Meningiomas—tumours of the membranes that surround the brain and spinal cord—are the most common primary central nervous system tumour. While they generally have more favourable outcomes than other brain tumours, there is a great deal of variability in their aggressiveness. In this study we trained machine learning models to predict meningioma malignancy and survival on the basis of a set of basic clinical variables such as patient age, tumour size, and surgical treatment received.

We started out this study as a bit of an exploration of how far we could go in predicting clinically-relevant outcomes of interest using only very minimal clinical and demographic information. In total, we included data from over 60,000 patients from the National Cancer Institute's Surveillance, Epidemiology, and End Results (SEER) database. SEER is a national registry that records data such as tumour characteristics and survival statistics about cancer patients in the United States. It is a valuable public resource that has contributed to a great deal of epidemiological research.
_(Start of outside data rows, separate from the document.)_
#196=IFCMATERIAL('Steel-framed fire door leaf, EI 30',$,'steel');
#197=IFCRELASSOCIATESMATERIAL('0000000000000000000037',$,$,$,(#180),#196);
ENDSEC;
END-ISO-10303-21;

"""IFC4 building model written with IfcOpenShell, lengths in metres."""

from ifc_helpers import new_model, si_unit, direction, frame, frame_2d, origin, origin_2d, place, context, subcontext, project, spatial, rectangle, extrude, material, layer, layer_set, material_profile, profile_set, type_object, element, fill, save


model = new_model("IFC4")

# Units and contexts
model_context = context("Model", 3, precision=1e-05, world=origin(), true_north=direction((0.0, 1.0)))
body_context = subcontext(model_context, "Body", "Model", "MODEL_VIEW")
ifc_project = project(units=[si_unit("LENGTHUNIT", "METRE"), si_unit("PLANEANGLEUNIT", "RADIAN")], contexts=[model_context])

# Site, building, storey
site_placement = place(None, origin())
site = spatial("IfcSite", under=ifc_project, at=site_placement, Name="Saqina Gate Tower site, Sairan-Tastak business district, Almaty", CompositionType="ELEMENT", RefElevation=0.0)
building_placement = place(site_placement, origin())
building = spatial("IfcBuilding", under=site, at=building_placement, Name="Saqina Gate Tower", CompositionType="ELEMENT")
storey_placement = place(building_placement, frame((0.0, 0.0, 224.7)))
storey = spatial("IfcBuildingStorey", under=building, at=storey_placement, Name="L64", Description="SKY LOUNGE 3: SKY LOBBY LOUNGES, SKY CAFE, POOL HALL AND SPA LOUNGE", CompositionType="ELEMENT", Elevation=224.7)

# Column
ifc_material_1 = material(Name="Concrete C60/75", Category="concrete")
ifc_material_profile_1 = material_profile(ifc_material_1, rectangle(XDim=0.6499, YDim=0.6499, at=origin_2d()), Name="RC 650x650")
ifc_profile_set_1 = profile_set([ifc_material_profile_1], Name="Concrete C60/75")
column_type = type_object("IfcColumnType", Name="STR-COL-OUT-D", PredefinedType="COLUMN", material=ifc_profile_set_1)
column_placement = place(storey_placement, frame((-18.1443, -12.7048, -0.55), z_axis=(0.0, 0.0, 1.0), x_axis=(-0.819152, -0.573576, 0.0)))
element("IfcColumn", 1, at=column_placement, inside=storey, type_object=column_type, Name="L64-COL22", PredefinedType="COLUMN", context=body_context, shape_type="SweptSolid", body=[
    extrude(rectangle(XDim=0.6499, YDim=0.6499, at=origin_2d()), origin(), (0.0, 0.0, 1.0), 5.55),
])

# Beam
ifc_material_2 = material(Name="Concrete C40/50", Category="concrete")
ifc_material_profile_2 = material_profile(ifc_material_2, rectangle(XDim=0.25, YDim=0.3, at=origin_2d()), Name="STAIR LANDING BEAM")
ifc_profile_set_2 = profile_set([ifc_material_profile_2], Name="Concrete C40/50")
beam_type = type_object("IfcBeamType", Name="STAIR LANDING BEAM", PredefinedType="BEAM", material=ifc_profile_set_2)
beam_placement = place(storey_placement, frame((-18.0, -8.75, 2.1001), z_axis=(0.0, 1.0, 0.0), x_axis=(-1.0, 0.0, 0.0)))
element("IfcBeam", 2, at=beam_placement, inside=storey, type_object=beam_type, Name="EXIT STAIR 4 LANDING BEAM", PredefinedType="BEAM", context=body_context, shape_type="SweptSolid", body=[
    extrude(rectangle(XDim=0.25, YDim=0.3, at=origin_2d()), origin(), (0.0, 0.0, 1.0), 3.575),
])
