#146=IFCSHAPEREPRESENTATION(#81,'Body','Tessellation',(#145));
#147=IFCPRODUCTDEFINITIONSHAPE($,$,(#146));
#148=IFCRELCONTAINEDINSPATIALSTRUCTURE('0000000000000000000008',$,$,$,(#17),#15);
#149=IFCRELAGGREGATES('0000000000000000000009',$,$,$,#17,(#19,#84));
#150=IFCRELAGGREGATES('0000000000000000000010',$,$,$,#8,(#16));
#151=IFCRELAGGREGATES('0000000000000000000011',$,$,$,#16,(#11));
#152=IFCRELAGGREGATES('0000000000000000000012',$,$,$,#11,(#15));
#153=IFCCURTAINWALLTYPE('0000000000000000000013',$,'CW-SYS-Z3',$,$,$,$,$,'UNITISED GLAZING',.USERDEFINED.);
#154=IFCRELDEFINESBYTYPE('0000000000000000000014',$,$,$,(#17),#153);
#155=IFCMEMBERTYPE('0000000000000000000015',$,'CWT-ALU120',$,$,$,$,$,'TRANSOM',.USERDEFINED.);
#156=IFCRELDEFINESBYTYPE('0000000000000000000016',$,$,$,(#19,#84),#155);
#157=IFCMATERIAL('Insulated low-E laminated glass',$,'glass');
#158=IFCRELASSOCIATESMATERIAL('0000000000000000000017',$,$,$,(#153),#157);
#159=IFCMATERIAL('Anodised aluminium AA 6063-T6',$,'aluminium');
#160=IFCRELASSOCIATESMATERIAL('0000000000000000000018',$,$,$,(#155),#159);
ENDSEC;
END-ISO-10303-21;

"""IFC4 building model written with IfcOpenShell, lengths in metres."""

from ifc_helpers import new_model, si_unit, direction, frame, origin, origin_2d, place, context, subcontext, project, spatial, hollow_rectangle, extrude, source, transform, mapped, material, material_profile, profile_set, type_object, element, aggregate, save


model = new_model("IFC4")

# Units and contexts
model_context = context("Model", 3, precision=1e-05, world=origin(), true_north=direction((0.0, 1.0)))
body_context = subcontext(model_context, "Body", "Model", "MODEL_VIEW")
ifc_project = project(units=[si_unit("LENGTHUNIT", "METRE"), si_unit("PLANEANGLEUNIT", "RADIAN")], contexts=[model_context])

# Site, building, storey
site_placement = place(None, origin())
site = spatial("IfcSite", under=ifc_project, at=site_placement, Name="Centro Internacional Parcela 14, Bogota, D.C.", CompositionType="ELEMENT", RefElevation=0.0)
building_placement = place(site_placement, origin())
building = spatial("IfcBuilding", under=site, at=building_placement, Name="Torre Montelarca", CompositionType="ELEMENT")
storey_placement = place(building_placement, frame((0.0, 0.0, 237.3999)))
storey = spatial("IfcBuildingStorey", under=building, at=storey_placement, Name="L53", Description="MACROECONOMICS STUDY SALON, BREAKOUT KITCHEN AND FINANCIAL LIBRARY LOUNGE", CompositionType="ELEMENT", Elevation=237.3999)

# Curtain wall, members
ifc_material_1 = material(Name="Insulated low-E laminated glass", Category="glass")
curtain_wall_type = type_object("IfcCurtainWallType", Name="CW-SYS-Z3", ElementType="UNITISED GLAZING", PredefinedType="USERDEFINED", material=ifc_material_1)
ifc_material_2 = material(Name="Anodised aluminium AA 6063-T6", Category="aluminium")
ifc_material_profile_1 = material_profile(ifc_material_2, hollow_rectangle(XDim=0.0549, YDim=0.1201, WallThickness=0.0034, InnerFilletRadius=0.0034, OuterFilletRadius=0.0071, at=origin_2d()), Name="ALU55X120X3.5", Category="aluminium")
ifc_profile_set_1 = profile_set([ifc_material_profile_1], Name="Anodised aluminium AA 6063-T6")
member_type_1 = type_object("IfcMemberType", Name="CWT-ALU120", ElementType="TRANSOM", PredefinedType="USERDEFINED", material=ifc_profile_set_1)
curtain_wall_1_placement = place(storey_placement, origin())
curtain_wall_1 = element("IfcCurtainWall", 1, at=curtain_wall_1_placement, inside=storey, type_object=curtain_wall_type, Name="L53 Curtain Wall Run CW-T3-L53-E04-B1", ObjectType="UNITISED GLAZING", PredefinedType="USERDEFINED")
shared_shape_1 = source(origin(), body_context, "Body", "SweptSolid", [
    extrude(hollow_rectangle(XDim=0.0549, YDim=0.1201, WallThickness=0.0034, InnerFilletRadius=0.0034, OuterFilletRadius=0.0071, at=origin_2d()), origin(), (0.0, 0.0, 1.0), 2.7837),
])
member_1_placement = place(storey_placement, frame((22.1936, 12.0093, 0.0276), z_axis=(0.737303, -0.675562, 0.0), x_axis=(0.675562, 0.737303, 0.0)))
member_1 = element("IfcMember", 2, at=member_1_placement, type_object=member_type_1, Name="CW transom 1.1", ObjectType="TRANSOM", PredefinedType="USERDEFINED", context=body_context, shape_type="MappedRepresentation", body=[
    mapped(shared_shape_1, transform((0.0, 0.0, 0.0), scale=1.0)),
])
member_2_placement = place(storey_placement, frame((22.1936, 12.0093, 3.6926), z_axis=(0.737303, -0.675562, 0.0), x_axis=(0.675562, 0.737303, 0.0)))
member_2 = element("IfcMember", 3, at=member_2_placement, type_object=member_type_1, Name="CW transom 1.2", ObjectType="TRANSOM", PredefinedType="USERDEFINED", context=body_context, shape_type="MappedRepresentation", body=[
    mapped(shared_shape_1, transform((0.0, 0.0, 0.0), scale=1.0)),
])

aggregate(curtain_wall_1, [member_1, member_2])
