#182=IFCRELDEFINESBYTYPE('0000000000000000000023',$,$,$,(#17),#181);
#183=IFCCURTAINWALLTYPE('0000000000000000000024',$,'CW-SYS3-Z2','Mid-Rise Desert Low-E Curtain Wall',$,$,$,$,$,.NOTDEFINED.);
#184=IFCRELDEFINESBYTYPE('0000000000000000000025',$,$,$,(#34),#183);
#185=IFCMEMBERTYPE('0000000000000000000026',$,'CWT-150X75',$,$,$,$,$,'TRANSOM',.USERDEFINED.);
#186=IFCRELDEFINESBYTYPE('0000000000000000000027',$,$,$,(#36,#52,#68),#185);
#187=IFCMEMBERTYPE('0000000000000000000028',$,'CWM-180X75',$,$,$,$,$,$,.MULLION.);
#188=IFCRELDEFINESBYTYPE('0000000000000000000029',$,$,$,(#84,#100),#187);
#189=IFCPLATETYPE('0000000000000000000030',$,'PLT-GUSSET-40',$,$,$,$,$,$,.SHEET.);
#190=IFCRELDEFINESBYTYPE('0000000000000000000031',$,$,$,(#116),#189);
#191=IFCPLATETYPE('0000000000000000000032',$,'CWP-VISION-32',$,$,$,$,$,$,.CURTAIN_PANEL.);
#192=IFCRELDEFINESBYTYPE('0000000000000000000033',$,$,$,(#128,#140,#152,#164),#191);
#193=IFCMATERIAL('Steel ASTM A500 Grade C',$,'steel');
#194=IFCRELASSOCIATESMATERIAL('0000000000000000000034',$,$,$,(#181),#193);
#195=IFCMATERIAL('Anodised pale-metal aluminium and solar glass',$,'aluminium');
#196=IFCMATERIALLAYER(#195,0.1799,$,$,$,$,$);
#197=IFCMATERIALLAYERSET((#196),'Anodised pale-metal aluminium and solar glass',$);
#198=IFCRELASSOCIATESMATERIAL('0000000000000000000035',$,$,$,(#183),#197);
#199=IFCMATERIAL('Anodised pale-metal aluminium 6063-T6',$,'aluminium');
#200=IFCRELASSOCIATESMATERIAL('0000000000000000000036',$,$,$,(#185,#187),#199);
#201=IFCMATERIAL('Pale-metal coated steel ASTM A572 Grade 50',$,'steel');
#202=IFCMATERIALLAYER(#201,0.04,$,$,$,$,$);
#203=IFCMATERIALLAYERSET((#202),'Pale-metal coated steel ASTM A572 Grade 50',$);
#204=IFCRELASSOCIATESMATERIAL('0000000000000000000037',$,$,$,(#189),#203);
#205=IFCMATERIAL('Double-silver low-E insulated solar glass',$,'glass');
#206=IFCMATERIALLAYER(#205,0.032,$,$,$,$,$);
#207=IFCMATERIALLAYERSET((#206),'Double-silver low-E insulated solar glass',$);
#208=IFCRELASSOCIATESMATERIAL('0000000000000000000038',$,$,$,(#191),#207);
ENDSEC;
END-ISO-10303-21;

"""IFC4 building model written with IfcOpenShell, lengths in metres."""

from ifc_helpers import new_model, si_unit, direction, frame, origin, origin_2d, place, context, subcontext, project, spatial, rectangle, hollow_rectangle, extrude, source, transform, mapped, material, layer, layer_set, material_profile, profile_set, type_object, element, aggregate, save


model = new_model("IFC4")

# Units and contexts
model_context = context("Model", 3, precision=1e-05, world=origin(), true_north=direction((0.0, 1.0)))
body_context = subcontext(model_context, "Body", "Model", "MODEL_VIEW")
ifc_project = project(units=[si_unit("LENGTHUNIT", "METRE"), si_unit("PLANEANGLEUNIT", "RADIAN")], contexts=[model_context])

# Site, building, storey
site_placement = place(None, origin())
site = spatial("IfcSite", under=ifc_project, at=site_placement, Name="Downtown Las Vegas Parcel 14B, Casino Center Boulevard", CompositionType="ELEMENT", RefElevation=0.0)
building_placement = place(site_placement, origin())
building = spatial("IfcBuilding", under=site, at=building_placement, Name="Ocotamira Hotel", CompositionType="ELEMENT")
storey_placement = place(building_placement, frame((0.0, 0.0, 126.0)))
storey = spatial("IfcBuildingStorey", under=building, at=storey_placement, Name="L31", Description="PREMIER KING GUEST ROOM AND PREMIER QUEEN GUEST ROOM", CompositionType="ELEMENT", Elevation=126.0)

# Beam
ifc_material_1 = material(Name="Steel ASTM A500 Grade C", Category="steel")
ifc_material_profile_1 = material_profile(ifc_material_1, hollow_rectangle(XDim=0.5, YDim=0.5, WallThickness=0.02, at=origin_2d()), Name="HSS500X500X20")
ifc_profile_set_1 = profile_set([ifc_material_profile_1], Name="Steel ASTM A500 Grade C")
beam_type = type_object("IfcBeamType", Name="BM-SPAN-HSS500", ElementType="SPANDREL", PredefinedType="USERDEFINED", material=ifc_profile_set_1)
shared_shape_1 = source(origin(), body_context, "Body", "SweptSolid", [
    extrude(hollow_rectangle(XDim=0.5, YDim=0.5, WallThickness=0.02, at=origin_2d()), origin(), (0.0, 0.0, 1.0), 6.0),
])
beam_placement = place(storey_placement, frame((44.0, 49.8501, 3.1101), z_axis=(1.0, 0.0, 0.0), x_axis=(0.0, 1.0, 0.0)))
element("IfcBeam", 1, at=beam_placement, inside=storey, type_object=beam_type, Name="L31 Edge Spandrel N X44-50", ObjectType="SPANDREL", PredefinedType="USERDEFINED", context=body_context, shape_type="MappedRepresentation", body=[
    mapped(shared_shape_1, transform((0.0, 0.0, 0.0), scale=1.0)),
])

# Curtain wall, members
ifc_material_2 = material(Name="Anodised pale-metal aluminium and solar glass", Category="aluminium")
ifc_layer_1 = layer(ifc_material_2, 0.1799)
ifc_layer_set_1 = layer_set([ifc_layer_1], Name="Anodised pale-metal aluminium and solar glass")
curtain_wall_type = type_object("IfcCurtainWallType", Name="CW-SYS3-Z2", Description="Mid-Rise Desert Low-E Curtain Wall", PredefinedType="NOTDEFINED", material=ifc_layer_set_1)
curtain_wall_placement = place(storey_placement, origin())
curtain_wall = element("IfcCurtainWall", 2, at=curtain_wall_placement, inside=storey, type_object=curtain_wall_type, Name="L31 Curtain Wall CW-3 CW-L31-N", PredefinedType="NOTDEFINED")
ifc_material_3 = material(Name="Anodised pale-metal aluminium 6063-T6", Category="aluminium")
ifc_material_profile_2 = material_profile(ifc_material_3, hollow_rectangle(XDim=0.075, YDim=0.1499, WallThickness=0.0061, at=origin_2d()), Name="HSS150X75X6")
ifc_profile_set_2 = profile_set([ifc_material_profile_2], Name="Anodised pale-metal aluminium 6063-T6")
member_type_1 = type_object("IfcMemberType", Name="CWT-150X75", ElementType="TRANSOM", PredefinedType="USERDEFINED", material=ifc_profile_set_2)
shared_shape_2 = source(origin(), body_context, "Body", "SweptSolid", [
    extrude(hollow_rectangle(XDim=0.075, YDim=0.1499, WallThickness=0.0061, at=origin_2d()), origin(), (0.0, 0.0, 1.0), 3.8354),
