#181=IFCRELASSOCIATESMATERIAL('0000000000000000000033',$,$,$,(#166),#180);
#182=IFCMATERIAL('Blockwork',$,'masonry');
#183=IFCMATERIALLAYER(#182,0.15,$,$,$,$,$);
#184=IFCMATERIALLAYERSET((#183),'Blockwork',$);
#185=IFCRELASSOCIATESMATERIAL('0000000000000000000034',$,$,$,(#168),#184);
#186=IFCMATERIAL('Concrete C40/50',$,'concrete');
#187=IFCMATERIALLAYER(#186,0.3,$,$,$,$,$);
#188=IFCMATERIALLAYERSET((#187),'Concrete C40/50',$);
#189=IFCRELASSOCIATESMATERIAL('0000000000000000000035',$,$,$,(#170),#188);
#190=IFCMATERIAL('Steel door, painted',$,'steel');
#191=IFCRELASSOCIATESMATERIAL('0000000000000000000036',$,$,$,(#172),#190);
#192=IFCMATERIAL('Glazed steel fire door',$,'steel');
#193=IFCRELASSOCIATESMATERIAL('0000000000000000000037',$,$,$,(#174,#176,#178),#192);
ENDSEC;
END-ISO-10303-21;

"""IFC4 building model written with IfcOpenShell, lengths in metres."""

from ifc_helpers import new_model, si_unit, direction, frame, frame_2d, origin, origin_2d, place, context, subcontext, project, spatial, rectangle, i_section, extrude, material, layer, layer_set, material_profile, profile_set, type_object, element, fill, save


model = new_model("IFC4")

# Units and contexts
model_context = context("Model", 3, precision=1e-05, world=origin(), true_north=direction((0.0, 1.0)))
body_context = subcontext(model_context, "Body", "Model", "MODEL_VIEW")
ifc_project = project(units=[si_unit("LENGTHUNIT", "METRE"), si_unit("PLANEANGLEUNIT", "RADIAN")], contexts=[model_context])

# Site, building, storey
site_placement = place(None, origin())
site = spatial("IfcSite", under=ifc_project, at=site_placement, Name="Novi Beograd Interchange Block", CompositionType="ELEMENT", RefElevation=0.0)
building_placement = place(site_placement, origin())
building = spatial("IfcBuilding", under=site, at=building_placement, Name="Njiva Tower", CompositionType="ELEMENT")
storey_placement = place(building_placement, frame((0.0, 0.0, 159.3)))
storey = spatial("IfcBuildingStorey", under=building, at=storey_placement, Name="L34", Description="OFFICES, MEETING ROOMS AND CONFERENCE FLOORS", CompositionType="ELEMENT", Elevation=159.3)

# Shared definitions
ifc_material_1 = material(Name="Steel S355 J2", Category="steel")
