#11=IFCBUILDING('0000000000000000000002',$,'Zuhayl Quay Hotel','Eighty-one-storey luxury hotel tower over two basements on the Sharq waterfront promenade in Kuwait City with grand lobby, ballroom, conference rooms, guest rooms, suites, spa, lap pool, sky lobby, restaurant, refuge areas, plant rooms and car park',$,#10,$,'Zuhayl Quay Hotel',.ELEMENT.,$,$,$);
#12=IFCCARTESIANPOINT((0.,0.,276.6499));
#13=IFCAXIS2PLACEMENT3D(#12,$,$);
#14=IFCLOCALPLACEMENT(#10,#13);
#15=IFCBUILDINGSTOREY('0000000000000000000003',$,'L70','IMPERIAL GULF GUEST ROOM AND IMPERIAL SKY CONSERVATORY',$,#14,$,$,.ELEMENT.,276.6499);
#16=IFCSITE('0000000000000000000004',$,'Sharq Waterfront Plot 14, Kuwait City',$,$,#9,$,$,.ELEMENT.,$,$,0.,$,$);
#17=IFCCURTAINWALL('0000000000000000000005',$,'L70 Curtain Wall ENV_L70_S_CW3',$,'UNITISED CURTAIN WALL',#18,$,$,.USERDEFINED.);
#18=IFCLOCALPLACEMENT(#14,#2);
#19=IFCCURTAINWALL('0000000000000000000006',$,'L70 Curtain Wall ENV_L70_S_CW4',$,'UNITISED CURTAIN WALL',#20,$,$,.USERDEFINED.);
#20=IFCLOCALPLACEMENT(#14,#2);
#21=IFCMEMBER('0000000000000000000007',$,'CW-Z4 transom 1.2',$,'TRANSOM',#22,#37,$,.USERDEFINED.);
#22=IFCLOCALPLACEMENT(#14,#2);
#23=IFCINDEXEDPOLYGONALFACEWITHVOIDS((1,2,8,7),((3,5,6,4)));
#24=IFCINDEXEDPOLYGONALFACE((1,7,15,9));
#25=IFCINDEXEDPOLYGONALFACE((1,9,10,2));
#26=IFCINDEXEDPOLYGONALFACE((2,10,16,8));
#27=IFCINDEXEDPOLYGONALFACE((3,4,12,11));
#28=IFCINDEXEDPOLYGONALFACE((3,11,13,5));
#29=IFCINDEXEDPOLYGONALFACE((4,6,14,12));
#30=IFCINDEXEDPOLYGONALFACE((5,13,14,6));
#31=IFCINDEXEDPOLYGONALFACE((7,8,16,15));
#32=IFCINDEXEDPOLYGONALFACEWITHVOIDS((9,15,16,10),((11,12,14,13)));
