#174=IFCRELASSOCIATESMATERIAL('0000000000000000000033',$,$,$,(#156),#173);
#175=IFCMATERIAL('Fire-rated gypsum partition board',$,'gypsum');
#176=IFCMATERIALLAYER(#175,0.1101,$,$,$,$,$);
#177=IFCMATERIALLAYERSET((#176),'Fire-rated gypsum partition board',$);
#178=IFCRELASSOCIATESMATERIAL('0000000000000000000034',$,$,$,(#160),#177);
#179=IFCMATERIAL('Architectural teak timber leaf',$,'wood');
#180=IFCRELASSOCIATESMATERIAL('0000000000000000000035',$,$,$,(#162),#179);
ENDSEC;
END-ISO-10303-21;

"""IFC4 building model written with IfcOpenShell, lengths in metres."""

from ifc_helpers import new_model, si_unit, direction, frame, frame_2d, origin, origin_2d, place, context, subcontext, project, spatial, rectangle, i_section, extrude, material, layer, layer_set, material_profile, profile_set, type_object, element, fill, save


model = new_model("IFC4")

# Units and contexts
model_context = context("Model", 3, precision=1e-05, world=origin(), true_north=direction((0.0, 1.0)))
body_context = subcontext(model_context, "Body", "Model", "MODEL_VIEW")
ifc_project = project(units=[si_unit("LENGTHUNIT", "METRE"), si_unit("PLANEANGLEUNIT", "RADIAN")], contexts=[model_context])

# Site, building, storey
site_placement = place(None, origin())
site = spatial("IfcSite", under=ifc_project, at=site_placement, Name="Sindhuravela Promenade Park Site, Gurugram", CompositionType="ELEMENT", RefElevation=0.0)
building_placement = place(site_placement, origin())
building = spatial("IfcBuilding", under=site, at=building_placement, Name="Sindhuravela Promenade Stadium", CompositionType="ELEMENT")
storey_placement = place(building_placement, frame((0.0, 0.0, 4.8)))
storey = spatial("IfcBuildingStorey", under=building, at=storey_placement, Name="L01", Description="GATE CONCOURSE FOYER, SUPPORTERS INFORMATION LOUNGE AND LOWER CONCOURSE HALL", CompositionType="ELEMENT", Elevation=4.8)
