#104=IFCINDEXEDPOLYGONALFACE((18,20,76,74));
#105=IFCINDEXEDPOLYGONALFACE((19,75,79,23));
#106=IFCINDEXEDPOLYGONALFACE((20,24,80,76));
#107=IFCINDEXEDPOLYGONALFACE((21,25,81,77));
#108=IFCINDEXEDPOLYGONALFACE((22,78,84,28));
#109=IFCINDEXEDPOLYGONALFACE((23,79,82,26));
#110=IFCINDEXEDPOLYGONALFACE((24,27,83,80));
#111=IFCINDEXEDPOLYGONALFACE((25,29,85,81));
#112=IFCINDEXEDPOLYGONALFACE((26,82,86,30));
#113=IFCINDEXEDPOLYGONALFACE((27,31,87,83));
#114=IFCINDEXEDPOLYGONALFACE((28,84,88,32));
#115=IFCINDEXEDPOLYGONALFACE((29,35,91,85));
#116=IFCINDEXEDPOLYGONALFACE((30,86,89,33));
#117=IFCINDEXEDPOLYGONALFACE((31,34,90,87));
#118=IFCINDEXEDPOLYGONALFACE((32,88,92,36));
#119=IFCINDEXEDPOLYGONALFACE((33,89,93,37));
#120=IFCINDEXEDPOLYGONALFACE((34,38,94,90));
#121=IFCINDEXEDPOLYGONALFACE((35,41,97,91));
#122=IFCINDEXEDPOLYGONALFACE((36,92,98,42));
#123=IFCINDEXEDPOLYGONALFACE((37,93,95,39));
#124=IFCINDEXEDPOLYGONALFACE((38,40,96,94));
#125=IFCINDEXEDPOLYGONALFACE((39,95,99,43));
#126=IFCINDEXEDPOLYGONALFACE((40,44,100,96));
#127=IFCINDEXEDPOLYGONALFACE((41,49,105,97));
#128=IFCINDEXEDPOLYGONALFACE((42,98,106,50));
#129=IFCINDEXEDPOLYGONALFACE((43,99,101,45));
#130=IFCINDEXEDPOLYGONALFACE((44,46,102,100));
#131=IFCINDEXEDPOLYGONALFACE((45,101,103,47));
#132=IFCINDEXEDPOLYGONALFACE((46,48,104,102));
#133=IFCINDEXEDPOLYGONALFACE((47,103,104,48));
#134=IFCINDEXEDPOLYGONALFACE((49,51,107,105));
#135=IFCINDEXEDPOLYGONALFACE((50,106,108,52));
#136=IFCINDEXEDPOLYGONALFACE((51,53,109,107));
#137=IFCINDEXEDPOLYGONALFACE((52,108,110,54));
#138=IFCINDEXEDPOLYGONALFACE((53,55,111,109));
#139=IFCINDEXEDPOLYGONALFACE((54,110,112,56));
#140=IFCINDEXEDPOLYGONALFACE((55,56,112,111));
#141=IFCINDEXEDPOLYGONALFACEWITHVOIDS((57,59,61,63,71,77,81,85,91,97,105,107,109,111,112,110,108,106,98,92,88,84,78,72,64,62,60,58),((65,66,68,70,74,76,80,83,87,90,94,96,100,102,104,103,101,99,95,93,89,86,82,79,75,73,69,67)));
One challenge we encountered in working with SEER data for this project was the amount of cleaning and restructuring that was needed to get the data in a usable format for further analysis. In this respect, the open-source Pandas Python package was very helpful in the initial stages of data exploration and organisation.

In addition to training predictive models of meningioma malignancy and survival and quantifying the performance of these models, an additional step we took in this study was to design a mobile web application (www.meningioma.app) to allow non-programmers to explore and evaluate the predictive models. Anecdotally, we've shared the app internally with colleagues in neurosurgery and gotten great feedback on how the app can be used to explore how different clinical factors might influence outcomes in hypothetical cases. Validation studies and further improvements to model performance are needed before we envisage such an app being usable in clinical practice. However, our intention here was to allow for clinicians to easily test out the models to provide feedback for improvement and generate interest in the possibilities of such tools. We also hope that the app will inspire others to replicate our approach and have therefore made the source code available under a free open-source license.

While we believe the models developed here represent a valuable performance baseline and proof of concept for future studies to surpass, it is also clear to us that including imaging (e.g. MRI) and molecular data will be necessary in subsequent developments. Nonetheless, particularly in regards to survival predictions, there is considerable informational value to be gained from even the simplest of clinical variables. There is therefore, in our opinion, room for developing predictive algorithms that combine models trained on large datasets of simple clinical data—as in this study—with models trained on smaller but richer datasets, for which it can be more difficult to obtain very large numbers of patients.

Further incremental improvements in model performance are likely still achievable with the current dataset, but a larger challenge for translatability in our view lies in collecting and curating large multimodal datasets including imaging data, lab values, surgical pathology, and genetic information. Expanding the scope of national cancer registries for large-scale inclusion of such datasets will be critical in leading the way for the development of the next generation of predictive models. Moreover, collecting additional outcome variables beyond simple survival statistics will be important in expanding the possible usefulness of future predictive models. In the case of meningiomas, surgery for benign tumours is frequently undertaken to treat comorbid seizures or other neurological symptoms. With additional outcome reporting, we could foresee developing predictive models that might help determine which patients are more likely to benefit from such interventions.